Maybe change has come to higher education.

This message has been edited. Last edited by: Samantha Clark,
 
Posts: 40 | Registered:: April 22, 2008Reply With QuoteEdit or Delete MessageReport This Post
New Member
Posted Hide Post
Samantha,

Let me start by saying I respect what ISI stands for, particularly because it is scholarly. I'm intrigued by the opportunity to take short courses online to improve or synthesize my understanding of conservative thinking, and will shortly begin the online study course.

Ironic though, Stanley Fish's comments seem to condemn even ISI's idea of online education...as if we can't be intellectually stimulated in that way, or earn something like a degree, certification or education other than through a liberal arts tradition, doing it the traditional liberal arts way.

But, I do take exception to your comment about "degree-granting" programs. So, I'm going to focus on that for a minute.

I'm pleased to introduce myself as your first "student" with "a modicum of intellectual curiosity" that graduated with an MBA in Technology Management from the University of Phoenix. I provide no further proof of my intellectual curiosity other than the fact that I'm on this website, interested in the subjects at-hand, and talking to you.

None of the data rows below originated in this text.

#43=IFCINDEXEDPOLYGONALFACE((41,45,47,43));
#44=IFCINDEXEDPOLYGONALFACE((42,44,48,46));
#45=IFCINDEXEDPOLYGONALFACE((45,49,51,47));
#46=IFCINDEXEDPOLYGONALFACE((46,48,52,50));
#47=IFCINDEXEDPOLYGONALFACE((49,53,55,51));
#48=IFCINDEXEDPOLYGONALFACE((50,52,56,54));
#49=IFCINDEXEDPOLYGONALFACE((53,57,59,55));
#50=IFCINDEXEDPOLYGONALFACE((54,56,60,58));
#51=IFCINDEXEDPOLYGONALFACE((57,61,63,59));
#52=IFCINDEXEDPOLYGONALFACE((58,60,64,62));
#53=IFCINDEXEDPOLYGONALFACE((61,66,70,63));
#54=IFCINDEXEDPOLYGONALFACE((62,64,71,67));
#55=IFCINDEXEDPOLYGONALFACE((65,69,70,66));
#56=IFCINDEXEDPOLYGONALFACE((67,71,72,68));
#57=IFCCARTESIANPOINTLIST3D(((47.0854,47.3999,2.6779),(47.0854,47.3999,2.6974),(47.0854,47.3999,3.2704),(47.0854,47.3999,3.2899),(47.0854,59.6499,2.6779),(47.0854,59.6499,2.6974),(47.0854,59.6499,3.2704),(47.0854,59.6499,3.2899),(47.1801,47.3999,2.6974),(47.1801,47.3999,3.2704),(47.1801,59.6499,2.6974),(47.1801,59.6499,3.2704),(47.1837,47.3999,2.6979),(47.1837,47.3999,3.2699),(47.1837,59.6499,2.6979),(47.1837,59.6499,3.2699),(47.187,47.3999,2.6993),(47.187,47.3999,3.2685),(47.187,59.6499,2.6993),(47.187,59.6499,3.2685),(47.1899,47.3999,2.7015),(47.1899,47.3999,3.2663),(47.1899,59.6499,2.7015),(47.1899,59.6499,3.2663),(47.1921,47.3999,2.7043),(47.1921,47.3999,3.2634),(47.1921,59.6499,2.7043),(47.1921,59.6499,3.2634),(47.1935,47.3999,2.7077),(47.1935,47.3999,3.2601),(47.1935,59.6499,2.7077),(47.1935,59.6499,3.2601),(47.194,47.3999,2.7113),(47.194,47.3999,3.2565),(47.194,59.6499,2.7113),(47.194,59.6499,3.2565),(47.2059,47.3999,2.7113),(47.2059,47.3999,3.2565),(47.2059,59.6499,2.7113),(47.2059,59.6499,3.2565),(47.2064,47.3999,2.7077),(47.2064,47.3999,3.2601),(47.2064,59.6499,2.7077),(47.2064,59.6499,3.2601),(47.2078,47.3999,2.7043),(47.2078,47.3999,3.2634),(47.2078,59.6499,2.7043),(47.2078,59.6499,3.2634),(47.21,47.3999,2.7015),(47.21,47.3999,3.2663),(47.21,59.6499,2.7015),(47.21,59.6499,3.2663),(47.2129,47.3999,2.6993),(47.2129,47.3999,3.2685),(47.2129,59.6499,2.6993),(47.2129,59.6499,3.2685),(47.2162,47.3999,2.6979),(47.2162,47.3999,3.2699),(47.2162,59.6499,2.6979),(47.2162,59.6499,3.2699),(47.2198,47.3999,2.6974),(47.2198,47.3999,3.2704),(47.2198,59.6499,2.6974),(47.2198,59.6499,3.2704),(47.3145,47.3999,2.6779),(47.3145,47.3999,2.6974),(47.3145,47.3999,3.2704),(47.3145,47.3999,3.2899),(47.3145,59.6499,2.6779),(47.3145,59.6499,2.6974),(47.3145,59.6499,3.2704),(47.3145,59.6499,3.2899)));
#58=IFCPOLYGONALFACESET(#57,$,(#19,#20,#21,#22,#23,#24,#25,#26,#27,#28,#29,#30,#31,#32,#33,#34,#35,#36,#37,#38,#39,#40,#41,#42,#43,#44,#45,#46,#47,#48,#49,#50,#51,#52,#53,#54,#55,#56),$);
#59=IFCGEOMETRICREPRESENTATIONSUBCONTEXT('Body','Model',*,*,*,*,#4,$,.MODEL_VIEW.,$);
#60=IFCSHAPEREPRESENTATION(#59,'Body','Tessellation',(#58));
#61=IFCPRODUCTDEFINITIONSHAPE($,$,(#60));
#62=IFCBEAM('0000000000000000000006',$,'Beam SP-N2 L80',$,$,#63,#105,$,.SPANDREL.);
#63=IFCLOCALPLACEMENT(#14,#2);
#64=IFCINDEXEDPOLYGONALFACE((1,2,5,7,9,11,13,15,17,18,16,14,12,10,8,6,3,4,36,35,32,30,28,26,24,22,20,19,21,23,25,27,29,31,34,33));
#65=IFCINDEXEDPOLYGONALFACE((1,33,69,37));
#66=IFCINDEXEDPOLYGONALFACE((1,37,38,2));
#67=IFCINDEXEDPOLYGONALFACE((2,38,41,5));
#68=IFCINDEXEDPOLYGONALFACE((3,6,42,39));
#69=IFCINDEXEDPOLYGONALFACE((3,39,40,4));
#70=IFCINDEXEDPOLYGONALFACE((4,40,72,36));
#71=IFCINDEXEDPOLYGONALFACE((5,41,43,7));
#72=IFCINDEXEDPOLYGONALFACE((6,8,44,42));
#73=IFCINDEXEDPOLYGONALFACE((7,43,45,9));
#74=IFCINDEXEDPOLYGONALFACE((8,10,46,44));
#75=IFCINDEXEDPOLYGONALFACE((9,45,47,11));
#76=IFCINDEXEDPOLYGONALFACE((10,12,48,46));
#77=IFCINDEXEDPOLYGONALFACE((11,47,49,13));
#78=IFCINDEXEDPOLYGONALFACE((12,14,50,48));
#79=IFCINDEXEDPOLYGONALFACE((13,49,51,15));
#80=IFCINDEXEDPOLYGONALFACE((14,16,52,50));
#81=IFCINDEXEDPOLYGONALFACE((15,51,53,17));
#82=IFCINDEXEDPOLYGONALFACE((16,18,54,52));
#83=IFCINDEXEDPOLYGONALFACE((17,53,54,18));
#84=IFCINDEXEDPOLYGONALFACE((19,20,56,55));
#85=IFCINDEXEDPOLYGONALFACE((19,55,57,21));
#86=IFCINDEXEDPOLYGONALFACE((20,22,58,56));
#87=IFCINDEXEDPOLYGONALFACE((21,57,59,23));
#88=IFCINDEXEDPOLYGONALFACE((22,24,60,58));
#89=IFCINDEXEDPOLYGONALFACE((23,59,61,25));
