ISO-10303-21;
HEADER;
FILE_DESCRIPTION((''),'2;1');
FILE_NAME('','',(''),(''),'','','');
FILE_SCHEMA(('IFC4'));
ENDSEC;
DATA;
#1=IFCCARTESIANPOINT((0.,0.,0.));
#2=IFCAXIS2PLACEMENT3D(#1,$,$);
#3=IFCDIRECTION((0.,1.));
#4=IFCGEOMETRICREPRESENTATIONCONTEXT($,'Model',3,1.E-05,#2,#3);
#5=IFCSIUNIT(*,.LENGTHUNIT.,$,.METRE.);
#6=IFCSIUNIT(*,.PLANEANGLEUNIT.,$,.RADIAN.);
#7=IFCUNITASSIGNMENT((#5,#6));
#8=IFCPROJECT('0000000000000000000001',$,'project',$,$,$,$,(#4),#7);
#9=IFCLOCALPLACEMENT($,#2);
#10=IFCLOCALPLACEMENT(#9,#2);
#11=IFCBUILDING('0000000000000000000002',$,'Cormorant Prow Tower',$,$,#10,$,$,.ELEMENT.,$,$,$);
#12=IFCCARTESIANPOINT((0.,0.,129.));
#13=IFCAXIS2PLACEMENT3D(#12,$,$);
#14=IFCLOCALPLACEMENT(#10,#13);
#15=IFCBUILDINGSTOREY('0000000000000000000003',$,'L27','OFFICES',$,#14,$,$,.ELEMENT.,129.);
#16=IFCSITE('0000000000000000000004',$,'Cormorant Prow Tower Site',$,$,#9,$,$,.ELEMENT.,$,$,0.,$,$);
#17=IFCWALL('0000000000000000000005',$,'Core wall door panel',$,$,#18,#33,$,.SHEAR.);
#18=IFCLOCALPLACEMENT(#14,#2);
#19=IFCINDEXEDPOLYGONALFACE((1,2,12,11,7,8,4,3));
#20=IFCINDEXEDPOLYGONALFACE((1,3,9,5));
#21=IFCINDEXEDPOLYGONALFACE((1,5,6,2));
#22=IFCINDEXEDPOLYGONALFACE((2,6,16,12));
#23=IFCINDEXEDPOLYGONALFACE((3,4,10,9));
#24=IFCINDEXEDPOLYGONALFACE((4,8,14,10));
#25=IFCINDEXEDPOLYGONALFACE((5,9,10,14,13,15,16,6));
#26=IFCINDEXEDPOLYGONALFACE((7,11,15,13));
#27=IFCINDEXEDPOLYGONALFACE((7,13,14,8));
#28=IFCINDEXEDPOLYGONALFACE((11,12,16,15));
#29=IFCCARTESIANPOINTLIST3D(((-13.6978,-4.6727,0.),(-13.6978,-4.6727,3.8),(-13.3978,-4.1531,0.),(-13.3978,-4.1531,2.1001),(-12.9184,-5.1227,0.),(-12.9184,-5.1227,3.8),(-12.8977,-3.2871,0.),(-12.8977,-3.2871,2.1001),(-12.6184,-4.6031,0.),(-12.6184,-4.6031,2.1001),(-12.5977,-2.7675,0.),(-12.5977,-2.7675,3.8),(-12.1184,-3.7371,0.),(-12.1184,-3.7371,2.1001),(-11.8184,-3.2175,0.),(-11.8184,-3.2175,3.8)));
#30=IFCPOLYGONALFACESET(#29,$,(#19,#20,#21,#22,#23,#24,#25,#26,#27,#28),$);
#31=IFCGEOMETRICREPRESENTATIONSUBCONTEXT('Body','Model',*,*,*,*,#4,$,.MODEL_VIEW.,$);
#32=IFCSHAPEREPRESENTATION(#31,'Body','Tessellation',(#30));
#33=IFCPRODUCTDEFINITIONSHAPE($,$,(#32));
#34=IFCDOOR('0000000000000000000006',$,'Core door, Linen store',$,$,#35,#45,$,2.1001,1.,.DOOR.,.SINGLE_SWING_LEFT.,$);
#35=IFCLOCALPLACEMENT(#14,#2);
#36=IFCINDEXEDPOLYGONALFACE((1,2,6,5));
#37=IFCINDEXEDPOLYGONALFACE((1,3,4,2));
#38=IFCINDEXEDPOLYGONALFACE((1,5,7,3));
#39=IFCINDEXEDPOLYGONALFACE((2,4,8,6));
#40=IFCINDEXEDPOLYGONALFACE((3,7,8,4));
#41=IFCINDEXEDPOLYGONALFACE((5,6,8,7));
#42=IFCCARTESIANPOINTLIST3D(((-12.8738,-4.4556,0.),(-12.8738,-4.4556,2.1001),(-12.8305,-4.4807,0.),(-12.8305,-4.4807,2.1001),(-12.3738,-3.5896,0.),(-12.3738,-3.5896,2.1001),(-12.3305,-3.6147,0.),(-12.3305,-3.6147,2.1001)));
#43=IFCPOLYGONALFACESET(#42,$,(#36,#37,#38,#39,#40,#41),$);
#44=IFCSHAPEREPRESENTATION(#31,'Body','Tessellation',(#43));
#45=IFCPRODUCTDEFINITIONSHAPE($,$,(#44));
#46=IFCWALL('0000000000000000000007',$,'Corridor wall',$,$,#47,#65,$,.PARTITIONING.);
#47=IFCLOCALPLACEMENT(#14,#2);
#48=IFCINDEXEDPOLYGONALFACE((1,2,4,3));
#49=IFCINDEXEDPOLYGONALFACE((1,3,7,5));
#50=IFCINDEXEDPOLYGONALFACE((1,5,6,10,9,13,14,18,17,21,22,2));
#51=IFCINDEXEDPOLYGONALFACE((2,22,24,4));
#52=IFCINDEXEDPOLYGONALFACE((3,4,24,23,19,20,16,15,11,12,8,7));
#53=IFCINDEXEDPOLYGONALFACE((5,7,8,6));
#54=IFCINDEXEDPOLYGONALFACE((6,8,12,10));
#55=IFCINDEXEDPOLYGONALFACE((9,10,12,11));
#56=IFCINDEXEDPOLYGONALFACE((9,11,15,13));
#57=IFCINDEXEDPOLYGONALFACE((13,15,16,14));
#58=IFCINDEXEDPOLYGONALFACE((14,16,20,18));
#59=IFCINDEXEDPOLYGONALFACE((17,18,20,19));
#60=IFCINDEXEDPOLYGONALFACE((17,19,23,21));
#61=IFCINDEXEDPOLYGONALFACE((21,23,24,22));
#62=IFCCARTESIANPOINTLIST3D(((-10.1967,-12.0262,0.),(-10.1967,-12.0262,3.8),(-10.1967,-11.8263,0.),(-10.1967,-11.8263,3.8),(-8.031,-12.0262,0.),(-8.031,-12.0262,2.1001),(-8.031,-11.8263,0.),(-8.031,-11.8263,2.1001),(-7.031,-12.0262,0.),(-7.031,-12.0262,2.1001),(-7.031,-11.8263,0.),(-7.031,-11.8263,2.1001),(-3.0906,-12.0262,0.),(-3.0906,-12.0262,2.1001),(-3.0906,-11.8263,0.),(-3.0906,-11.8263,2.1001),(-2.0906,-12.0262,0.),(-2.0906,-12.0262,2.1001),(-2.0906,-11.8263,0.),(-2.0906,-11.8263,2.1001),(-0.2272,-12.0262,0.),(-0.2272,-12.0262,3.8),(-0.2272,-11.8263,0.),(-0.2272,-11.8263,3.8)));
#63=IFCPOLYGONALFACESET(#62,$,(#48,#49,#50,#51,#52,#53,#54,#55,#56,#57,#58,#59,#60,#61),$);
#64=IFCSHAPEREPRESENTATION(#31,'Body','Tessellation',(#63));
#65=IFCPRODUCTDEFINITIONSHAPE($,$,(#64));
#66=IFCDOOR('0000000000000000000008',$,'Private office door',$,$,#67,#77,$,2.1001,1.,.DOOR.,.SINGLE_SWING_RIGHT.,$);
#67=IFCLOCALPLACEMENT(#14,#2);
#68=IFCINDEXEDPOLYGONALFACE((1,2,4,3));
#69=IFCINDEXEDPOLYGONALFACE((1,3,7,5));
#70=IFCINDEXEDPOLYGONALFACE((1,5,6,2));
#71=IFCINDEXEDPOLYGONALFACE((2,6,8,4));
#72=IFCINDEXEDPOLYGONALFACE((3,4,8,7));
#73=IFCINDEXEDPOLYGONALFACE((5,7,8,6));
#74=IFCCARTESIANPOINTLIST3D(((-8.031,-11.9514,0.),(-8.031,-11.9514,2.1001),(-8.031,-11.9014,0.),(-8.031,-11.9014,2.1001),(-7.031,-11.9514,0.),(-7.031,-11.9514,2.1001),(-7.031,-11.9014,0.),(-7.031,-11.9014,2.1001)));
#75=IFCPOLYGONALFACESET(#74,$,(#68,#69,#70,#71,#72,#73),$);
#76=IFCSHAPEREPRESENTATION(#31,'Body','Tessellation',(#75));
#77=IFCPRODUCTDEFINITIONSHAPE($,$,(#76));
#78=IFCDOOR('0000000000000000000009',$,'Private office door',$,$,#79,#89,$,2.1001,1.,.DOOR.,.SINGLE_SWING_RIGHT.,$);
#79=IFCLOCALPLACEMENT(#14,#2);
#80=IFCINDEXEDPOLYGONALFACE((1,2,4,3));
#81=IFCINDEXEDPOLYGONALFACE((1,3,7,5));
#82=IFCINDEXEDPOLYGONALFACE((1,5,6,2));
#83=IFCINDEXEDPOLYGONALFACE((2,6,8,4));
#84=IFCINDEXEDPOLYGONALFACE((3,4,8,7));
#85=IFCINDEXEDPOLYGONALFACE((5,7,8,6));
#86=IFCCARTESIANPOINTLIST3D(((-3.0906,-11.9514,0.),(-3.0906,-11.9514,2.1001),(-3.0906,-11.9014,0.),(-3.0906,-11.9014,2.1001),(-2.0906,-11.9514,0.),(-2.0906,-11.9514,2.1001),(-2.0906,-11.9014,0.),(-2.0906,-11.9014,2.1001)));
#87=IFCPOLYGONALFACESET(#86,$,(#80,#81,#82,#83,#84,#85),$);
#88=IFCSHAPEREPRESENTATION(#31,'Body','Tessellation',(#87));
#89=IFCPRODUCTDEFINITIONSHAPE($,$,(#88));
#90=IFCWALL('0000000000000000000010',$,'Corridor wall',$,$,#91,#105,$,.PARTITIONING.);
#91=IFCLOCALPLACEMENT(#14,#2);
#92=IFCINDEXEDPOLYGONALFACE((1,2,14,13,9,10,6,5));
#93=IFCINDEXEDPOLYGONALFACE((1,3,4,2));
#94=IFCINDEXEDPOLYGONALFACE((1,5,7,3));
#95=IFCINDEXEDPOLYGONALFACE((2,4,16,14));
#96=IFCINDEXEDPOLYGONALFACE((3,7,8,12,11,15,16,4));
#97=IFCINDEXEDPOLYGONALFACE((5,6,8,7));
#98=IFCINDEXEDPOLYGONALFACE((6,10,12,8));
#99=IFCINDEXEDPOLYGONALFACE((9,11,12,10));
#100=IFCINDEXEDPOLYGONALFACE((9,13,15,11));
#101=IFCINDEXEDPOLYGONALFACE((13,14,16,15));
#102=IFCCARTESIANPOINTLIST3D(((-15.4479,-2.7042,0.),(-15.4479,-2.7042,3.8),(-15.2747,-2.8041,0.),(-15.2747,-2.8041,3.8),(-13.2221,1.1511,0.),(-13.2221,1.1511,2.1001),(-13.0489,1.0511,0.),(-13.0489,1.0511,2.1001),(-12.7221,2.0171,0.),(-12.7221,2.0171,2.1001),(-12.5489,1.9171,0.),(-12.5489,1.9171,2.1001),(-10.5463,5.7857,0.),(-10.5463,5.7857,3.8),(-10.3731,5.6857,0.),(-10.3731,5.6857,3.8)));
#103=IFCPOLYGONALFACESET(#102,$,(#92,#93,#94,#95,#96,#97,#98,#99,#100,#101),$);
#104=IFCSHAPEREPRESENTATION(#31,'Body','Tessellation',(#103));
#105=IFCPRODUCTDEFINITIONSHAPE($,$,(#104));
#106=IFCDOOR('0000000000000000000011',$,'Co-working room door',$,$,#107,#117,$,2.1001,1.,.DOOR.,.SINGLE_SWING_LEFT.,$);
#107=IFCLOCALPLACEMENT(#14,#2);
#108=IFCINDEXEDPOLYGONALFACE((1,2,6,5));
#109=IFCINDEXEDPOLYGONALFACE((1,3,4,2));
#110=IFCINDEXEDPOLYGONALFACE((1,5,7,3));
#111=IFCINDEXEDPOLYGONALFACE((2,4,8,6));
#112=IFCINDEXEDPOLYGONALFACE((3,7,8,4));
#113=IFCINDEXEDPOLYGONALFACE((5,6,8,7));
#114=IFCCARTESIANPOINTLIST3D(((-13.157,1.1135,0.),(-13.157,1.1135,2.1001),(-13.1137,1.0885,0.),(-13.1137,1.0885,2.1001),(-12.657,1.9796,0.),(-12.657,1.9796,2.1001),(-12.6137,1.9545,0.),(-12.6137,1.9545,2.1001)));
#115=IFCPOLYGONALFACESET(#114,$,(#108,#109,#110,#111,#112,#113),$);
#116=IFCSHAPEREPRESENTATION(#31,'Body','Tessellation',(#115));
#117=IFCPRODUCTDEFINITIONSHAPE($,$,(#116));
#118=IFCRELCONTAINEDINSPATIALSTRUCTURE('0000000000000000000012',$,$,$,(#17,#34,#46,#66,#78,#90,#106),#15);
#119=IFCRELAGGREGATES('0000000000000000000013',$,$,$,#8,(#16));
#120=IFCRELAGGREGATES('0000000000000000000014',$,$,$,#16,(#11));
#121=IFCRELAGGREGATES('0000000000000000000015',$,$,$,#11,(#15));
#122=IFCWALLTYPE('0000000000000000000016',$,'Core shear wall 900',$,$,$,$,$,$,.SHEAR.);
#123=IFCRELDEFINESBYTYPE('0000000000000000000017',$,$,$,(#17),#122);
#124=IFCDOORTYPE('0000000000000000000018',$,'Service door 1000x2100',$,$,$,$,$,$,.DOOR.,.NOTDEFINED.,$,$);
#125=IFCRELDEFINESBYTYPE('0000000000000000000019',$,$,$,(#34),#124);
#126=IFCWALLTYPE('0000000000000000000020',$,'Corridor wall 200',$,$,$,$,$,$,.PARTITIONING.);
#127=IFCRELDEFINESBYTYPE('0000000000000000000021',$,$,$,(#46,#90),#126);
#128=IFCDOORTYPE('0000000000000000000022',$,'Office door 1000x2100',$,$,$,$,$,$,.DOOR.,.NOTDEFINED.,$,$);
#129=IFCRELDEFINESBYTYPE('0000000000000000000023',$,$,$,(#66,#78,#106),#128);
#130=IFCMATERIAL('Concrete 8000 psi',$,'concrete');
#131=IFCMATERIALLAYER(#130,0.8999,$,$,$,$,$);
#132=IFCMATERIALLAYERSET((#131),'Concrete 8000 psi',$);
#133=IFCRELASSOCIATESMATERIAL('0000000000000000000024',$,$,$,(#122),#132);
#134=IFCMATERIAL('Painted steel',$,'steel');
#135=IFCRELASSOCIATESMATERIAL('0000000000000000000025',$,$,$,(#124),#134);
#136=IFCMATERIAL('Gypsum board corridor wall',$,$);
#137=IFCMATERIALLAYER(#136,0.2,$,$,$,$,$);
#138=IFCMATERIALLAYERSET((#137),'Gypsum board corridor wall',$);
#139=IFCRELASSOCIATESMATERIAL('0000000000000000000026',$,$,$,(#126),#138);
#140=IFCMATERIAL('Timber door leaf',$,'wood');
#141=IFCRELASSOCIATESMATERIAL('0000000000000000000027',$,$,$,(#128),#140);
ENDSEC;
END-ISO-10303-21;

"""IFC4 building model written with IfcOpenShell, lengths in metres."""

from ifc_helpers import new_model, si_unit, direction, frame, frame_2d, origin, place, context, subcontext, project, spatial, rectangle, extrude, material, layer, layer_set, type_object, element, fill, save


model = new_model("IFC4")

# Units and contexts
model_context = context("Model", 3, precision=1e-05, world=origin(), true_north=direction((0.0, 1.0)))
body_context = subcontext(model_context, "Body", "Model", "MODEL_VIEW")
ifc_project = project(units=[si_unit("LENGTHUNIT", "METRE"), si_unit("PLANEANGLEUNIT", "RADIAN")], contexts=[model_context])

# Site, building, storey
site_placement = place(None, origin())
site = spatial("IfcSite", under=ifc_project, at=site_placement, Name="Cormorant Prow Tower Site", CompositionType="ELEMENT", RefElevation=0.0)
building_placement = place(site_placement, origin())
building = spatial("IfcBuilding", under=site, at=building_placement, Name="Cormorant Prow Tower", CompositionType="ELEMENT")
storey_placement = place(building_placement, frame((0.0, 0.0, 129.0)))
storey = spatial("IfcBuildingStorey", under=building, at=storey_placement, Name="L27", Description="OFFICES", CompositionType="ELEMENT", Elevation=129.0)

# Shared definitions
ifc_material_1 = material(Name="Concrete 8000 psi", Category="concrete")
ifc_layer_1 = layer(ifc_material_1, 0.8999)
ifc_layer_set_1 = layer_set([ifc_layer_1], Name="Concrete 8000 psi")
wall_type_1 = type_object("IfcWallType", Name="Core shear wall 900", PredefinedType="SHEAR", material=ifc_layer_set_1)

# Wall, opening, door
ifc_material_2 = material(Name="Painted steel", Category="steel")
door_type_1 = type_object("IfcDoorType", Name="Service door 1000x2100", OperationType="NOTDEFINED", PredefinedType="DOOR", material=ifc_material_2)
wall_1_placement = place(storey_placement, frame((-12.208, -2.9924, 0.0), z_axis=(0.0, 0.0, 1.0), x_axis=(-0.50003, -0.866008, 0.0)))
wall_1 = element("IfcWall", 1, at=wall_1_placement, inside=storey, type_object=wall_type_1, Name="Core wall door panel", PredefinedType="SHEAR", context=body_context, shape_type="SweptSolid", body=[
    extrude(rectangle(XDim=2.2, YDim=0.8999, at=frame_2d((1.1001, 0.0))), origin(), (0.0, 0.0, 1.0), 3.8),
])
opening_1_placement = place(wall_1_placement, frame((0.6001, 0.0, 0.0)))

I'm going to go on the defense of the University because I felt strongly that something had to be said. I'll start by saying that I'm an SVP at a large financial institution, and have no connections to the university. I've noticed that you are a staff member and very active on (if not in charge of) this discussion forum, so I feel that an underlying attitude has to be corrected or you risk making your site exclusive to folks who, frankly, don't have an education like you, or me.

In my great and refreshing experience with UOP, I discovered that you can learn, either in the classroom or online, through their purposefully designed system. Nothing unlike what ISI is attempting to do. It's a system at UOP by the way, and really nothing more than that. Whether you are learning at Yale, UOP, or online at ISI's new online course, it is a personal *decision* to learn. Learning has less to do with bricks and mortar, and more to do with attitude and desire. Oh, and it has even less to do with what we know or how smart we are...think about it.

We've all had experience with dull and bored minds and it didn't matter if it was at a university with two hundred year old brick buildings, or classrooms in a Hewlett Packard building in Pleasanton, California (where I took my classes).

UOP is different than going to say UC Davis where I got my B.S., BUT IT NEEDS TO BE! I'm not a kid anymore, and I won't tolerate the poor conditions of the University. I spent too many days standing in line waiting to purchase a syllabus, or sitting in a lecture hall on the floor because there were no seats left. I certainly don't have time to help youngsters half my age and experience get through an MBA program!

I wanted a level playing field with professionals who already had great careers, were mostly technical and needed to get an additional edge through an educational system that was highly focused on their situation. It helped that UOP catered to me, and why shouldn't they?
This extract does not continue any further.